Gokul S
Machine Learning & Generative AI Engineer
gokul-0775
Chennai, Tamil Nadu, India
Joined May 2026
Summary
Generative AI and agentic systems practitioner: The recent roles listed emphasize generative AI, agentic AI, and retrieval-augmented generation (RAG) systems across domains (legal, healthcare, and digital marketing automation), indicating primary strength in building production-facing generative and agentic solutions.
Broad machine-learning toolkit across supervised, unsupervised, and deep learning methods: Multiple project and role entries show hands-on experience with transformers (DistilBERT), FAISS, GMM, DBSCAN, K-means, hierarchical clustering, SVMs, decision trees, random forests, LSTMs, and graph neural networks.
Applied research-to-product experience spanning domain-specific ML applications: Work items include semantic search, clinical and risk analytics, fintech risk models, EEG classification, energy forecasting, retail intelligence, and real-estate/vehicle price prediction—showing ability to apply ML techniques to varied industry problems.

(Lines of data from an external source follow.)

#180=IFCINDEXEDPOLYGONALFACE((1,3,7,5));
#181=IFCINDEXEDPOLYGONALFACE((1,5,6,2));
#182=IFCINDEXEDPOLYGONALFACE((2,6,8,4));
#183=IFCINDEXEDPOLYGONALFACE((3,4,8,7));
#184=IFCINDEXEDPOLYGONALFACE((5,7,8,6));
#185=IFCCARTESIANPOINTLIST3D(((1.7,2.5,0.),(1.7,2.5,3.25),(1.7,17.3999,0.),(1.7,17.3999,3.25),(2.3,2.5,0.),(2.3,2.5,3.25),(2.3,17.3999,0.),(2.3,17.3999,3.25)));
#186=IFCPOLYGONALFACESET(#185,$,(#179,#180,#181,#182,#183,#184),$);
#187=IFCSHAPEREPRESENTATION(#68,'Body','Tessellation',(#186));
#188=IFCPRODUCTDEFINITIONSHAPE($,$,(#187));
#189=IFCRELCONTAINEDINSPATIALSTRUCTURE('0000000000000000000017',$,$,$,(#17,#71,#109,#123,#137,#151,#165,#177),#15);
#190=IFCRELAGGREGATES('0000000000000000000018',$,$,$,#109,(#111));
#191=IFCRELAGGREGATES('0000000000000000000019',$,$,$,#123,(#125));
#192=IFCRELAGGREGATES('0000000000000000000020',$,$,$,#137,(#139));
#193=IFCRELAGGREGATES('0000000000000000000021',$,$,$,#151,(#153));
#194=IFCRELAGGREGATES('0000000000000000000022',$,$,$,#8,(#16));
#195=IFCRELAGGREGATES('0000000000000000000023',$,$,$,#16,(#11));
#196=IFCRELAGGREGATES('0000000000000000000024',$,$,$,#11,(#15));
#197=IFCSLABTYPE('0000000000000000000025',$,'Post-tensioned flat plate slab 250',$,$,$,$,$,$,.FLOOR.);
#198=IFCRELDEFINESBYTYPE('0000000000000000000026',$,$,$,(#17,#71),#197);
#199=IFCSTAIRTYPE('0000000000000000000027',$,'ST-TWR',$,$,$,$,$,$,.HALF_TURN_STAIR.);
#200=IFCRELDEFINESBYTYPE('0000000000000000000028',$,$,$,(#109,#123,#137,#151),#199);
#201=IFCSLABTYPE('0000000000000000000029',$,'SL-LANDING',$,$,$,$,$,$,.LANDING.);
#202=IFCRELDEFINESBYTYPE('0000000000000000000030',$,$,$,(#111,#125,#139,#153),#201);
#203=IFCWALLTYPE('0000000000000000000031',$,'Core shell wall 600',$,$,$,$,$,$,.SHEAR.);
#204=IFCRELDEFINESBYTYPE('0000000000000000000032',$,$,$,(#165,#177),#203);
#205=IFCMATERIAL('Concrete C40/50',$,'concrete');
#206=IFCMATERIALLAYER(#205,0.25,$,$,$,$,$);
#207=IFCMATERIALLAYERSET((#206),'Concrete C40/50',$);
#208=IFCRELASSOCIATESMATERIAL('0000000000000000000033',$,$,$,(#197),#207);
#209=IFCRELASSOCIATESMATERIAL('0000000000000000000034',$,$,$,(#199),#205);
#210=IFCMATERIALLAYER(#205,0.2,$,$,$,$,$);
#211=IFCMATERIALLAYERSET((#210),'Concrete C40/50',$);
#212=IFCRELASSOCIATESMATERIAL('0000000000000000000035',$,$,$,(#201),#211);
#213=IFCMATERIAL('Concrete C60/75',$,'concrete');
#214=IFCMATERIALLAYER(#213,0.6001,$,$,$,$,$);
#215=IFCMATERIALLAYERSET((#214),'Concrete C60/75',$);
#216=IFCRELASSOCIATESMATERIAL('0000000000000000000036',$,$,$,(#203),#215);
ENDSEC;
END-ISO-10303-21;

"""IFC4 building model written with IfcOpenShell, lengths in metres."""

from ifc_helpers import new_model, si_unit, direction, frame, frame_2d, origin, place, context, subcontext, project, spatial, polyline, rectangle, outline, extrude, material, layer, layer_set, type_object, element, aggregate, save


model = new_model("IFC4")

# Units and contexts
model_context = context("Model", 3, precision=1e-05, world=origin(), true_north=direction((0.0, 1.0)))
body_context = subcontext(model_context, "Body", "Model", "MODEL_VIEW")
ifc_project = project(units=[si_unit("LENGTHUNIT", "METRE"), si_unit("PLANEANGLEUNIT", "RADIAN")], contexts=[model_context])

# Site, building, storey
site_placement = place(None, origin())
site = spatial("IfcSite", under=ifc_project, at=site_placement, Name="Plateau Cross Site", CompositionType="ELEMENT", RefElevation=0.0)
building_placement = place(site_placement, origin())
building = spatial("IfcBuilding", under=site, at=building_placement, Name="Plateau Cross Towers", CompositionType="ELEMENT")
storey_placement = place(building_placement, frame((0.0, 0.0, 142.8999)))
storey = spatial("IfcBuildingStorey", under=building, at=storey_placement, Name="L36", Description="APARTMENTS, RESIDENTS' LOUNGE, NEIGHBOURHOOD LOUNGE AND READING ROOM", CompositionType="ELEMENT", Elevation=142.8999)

Public communicator and advocate for AI-driven engineering: Authored a detailed presentation titled 'AI-Driven Software Engineering' that discusses AI across the SDLC, tooling, risks, and future trends, indicating interest in sharing learnings and thought leadership. prezi
Progressive career path from engineering and CAD training into ML/AI: Earlier roles in mechanical CAD design and training and an Associate Engineer role preceded internships and machine-learning positions, demonstrating a transition toward applied AI and data science.